On 30 Jul 2016, at 7:10, Kim Roar Foldøy Hauge wrote:
I'm no expert here, but postgrey is usually a purely local test. It should terminate with a "currently busy, try again later" message very quickly.
Unless your database is very large, yes.
SPF checks and white listing require dns lookups that can potentially take much longer. Several orders of magnitude longer.
Occasionally, yes, no matter how you do DNS. However, Postfix smtpd will do multiple DNS lookups that have a strong chance of being slow before getting to any policy daemon like Postgrey. Alternatively, postscreen is a much simpler process than smtpd and in its usual config does nearly no input processing while doing DNSBL lookups in parallel, time-limited to 10s. This is usually much more efficient for dealing with spambots than going through everything that smtpd does before calling any policy daemon. Most DNSBLs worth using have robust authoritative DNS, so (unlike SPF or IP->Hostname->IP checking, both of which can require many queries) it is rarely slow to get DNSBL results.
Efficient handling of spam is all about doing the least expensive tests first in terms of cpu/time. Caching DNS can probably help a bit, but it will still require the occasional lookup now and then that take a lot longer than a good greylisting implementation should ever do.

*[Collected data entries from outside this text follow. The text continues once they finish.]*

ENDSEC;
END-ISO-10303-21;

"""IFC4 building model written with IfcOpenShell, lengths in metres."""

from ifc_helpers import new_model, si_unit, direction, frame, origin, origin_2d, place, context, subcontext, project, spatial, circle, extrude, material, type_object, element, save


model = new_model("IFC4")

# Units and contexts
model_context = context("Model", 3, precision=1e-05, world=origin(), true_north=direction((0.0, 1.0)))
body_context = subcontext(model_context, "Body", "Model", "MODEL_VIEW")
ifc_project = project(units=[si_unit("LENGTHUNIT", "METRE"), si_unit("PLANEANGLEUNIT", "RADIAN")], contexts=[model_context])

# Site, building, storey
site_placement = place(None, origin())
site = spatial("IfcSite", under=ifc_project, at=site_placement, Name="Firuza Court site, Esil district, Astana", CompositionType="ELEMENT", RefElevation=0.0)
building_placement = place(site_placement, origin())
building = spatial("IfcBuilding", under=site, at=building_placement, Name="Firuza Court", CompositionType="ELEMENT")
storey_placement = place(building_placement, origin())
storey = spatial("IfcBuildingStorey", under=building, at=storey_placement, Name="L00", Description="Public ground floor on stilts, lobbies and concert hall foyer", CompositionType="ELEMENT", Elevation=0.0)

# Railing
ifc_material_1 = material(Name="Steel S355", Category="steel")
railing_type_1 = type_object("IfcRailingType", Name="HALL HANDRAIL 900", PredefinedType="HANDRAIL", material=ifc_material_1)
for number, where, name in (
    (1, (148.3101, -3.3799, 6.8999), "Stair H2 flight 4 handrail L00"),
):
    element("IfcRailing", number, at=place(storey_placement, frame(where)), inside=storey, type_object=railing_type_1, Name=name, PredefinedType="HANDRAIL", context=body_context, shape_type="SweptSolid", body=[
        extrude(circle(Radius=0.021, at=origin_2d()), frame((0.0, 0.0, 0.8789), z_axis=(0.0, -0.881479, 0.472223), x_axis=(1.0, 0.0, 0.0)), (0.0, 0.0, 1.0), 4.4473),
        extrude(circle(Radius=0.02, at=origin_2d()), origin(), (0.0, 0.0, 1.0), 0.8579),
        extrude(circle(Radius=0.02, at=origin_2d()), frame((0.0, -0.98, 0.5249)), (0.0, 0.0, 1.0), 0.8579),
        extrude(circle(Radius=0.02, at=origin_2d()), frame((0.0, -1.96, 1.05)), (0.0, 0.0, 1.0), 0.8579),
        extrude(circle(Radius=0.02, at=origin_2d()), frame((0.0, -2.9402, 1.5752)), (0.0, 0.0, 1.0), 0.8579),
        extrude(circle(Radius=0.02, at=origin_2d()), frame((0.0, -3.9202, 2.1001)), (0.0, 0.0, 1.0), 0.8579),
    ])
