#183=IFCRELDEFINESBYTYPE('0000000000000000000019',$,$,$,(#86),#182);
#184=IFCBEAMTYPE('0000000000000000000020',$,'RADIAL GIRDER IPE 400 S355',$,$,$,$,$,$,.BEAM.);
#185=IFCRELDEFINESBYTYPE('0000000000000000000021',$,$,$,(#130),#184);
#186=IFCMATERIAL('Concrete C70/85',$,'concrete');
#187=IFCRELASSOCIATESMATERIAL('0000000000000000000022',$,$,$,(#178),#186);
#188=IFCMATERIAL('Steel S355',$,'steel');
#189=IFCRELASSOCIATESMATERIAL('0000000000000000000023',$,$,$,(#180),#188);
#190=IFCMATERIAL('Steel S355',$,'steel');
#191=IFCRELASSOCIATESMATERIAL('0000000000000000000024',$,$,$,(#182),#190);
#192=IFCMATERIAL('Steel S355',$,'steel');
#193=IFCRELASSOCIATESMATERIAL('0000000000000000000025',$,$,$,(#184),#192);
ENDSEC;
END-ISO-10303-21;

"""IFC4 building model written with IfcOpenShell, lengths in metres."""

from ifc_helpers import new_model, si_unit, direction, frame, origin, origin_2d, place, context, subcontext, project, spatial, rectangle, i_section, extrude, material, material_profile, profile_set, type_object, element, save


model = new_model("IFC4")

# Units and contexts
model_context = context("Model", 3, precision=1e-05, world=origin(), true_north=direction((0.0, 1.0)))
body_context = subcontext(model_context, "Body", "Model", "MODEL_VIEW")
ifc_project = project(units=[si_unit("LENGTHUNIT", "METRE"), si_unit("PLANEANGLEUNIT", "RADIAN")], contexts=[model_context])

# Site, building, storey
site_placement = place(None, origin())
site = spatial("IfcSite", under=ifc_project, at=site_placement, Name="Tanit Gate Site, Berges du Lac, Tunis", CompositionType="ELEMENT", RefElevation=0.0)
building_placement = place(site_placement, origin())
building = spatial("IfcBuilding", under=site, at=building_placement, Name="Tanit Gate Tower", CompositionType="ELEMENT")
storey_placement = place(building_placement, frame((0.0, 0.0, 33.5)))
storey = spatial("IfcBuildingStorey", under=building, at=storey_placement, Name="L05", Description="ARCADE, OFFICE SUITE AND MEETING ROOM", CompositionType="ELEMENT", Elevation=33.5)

Actually, having a local (same machine or same LAN) caching DNS resolver is extremely helpful relative to using a resolver on the other side of a router (i.e. an ISP's resolver) or worse, somewhere on the other side of 2-20 routers (i.e. OpenDNS, Google Public DNS, etc.) A lookup from a local cache typically takes <10ms, while a lookup from a public DNS server routinely will have 30-100ms of network latency built in and even one's connectivity provider's DNS will probably have at least 10ms. In any case, a DNS lookup that isn't in a resolver's cache is likely to take on the order of 100ms (but potentially multiple seconds to timeout on lookups that lead nowhere, indirectly) on top of the network latency. This leads to another reason to have a local resolver dedicated to mail servers: you can tune reply timeouts to assure that you never suffer those really long waits.
Doing an expensive test on every mail when it's not needed is badly designed setup.

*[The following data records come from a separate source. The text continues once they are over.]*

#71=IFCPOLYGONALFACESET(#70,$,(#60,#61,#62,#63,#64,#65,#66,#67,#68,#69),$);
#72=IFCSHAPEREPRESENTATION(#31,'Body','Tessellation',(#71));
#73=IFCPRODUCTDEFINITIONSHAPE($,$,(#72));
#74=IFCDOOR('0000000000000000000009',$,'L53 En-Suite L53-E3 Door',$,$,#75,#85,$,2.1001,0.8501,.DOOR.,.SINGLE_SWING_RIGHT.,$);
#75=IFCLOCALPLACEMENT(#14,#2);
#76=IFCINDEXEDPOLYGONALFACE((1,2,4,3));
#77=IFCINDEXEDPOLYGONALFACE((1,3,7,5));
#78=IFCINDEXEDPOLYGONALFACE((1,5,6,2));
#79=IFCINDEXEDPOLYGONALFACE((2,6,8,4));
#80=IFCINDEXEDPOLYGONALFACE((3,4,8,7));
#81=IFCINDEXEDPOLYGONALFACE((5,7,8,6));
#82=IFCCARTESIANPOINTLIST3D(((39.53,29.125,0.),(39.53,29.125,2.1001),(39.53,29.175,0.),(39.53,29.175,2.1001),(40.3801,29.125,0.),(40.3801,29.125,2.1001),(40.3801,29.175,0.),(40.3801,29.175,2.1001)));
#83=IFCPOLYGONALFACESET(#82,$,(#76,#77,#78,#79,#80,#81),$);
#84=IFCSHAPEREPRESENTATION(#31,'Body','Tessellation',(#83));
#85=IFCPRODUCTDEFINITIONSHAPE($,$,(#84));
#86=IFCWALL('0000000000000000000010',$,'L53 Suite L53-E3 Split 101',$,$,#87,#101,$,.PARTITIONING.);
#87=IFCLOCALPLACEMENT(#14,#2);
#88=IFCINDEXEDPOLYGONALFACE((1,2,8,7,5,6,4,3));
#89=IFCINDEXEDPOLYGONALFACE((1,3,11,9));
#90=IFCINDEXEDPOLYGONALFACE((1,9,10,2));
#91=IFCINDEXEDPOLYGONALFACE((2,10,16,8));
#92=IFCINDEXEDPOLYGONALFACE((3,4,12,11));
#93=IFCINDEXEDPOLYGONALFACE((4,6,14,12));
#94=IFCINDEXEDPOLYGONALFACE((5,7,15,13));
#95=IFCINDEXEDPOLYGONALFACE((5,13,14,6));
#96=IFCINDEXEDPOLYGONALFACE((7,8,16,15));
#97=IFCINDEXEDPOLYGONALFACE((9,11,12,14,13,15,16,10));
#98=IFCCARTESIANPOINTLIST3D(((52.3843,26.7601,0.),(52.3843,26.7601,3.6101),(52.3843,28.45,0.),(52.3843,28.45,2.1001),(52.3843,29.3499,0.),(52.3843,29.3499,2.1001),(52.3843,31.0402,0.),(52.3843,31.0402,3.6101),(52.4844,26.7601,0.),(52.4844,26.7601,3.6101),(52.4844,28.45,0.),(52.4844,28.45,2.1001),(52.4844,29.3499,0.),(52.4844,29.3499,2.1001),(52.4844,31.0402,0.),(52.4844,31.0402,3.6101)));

Which is not really a strong argument for Postgrey or any other greylisting tool that works as as a Postfix policy daemon. The only way to spare a Postfix server from the potentially very slow client hostname DNS queries is to have postscreen in front of smtpd, at least to do pre-greet enforcement.
Many of the dns based lists also limit the amount of checks per day. Worst case scenario, you stop getting results from lists due to over use.

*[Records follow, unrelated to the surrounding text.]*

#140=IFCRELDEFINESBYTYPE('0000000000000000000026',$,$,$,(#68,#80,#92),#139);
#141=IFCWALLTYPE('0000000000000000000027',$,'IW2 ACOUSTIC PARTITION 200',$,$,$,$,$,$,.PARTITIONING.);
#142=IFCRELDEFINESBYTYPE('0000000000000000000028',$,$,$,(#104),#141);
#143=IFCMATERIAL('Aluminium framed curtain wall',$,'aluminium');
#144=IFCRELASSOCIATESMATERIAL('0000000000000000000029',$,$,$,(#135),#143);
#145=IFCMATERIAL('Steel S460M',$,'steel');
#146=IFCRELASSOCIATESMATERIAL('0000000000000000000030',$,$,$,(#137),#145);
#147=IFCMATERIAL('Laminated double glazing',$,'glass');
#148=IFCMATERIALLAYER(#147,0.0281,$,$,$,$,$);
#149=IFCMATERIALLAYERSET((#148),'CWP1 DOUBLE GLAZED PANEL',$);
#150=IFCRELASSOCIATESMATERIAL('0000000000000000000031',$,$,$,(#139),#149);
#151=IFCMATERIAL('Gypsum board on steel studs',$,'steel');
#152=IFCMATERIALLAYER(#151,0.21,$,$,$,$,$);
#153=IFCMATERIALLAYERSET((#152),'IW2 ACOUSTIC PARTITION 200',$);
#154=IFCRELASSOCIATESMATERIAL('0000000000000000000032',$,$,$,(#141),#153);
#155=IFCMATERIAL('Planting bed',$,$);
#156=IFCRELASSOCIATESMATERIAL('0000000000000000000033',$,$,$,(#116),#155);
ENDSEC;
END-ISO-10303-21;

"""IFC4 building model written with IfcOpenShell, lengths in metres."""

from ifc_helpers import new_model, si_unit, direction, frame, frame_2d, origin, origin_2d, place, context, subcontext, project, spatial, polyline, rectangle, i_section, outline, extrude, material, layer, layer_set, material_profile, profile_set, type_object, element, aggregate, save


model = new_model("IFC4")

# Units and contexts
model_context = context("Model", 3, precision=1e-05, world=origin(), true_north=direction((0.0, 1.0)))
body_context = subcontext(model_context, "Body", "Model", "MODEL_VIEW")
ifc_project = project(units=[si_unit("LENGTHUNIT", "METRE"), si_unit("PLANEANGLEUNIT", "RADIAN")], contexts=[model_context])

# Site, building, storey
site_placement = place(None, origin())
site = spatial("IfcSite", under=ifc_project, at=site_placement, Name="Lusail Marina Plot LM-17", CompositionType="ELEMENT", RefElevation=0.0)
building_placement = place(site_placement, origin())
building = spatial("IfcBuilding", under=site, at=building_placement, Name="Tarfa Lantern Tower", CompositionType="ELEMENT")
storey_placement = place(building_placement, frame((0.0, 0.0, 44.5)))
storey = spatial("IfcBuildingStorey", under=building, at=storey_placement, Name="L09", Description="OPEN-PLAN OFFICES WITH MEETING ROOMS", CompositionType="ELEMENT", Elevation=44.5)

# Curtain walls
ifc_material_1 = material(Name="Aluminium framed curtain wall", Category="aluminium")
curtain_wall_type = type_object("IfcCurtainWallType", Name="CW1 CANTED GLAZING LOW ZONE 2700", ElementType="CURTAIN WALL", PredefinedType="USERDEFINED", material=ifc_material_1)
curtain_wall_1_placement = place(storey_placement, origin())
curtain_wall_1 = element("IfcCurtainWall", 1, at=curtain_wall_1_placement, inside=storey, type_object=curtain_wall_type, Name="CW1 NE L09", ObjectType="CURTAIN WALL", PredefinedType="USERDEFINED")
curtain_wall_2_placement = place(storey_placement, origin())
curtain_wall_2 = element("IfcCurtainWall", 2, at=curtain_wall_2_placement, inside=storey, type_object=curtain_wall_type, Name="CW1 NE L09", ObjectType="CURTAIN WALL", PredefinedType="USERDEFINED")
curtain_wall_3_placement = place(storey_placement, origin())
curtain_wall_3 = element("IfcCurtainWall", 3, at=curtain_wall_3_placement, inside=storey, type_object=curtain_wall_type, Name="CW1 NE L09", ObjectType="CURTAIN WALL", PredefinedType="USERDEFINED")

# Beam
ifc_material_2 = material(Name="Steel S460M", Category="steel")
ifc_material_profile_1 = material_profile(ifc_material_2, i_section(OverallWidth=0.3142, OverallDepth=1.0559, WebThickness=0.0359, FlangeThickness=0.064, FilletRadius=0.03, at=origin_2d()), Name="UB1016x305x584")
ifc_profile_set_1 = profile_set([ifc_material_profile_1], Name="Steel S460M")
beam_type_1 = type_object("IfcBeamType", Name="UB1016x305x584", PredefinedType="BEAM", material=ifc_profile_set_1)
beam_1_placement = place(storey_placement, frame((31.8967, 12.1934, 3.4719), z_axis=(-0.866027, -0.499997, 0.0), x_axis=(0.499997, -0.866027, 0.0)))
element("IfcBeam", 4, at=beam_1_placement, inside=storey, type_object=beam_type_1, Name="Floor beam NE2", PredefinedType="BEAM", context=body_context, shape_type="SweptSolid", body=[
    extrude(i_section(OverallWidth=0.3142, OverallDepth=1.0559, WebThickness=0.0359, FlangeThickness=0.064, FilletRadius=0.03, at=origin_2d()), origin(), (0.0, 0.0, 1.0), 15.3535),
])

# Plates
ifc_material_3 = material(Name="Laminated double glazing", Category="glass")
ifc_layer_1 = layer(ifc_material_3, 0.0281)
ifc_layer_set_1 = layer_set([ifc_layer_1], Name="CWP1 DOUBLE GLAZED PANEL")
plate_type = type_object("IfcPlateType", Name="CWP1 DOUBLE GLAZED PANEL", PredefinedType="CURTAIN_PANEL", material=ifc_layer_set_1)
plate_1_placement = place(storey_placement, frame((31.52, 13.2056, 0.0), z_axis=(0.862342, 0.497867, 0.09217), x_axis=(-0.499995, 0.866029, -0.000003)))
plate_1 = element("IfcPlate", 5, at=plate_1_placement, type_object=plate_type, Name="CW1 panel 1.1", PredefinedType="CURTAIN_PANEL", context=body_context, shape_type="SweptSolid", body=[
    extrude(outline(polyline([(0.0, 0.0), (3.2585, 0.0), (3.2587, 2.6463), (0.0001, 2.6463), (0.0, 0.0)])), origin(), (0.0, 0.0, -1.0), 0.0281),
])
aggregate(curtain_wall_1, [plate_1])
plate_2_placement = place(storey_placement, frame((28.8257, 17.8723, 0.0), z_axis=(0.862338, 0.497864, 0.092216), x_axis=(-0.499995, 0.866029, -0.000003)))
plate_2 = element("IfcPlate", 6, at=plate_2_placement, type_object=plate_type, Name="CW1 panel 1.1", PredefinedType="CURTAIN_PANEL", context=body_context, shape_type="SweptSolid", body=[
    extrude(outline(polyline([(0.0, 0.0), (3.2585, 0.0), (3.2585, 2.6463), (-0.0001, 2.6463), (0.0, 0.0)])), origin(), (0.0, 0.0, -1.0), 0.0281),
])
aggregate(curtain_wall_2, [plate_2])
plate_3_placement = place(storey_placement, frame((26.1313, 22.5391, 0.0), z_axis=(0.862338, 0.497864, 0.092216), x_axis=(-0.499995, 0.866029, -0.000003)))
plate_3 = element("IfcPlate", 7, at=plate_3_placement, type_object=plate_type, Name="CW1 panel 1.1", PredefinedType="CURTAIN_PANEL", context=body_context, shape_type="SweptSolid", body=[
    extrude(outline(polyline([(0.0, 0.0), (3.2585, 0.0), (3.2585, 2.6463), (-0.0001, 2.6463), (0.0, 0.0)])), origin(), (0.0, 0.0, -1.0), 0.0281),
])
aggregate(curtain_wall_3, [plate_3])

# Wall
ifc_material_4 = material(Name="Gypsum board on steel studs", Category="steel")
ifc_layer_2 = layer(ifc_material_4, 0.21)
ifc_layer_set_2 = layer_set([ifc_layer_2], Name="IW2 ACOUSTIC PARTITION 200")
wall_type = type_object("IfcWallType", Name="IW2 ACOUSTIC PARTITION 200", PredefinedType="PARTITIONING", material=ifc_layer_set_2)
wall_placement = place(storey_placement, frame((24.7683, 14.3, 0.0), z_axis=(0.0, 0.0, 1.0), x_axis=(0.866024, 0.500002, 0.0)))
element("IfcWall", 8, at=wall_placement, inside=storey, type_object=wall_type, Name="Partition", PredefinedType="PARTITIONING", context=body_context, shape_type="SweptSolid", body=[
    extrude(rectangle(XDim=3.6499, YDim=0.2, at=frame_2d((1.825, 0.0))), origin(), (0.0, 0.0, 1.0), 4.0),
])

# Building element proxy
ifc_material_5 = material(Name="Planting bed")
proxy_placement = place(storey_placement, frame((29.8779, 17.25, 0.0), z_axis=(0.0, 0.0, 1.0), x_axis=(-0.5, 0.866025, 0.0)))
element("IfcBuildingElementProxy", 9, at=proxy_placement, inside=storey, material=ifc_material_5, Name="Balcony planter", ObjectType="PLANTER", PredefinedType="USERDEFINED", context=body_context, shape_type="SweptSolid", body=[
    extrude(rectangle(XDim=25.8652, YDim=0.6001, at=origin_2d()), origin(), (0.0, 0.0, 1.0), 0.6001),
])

Yes, but those query limits are designed to make sure that commercial entities that get value from those DNSBLs and are large enough to afford participation in keeping them in operation pay for that value they receive.
If you use google's 8.8.8.8 servers for dns lookups one can quickly run into that problem, I did. A high volume of dns checks could force you into having to pay for the amount of traffic you cause.
Using Google's public DNS or anything like it assures that a mail system is low-performing and unreliable. There's nothing wrong with running an amateur mail system but one should understand that using free distant DNS run by unaccountable entities relegates a mail system to "hobbyist" class.
Many expensive network (takes a long time) checks will probably make you run out of slots a lot faster than the reconnects due to greylisting will do due to the time spent waiting for the lookups to finish.
I can only imagine that being a problem, and only on a very busy and badly misconfigured mail server. I've run systems using multiple machines each handling over a million SMTP connections per day and never had a substantial problem with doing multiple DNSBL lookups on every connection that passes a short greeting delay and SPF checks on everything that gets to the point of body filtering (i.e. SPF within SpamAssassin.)
If speed of delivery is important, you could lower the amount of time mail stays greylisted. Ideally you'd like the mail delivered the first time a server tries to send it again. If a server tries to resend once, it will most likely try more than once anyway. Having a minimum time of 300 seconds, the default of postgrey, is probably a bit excessive.
Reducing that is unlikely to reduce delays, because a lot of systems use 300s as a minimum delay between retries; for a long time the standard queue run time for Sendmail was 300s and that has been the default for Postfix since v2.4. The main exceptions using shorter retry times would be high-volume mailing lists systems (legit or otherwise) that cannot afford to let their deferral queues grow large.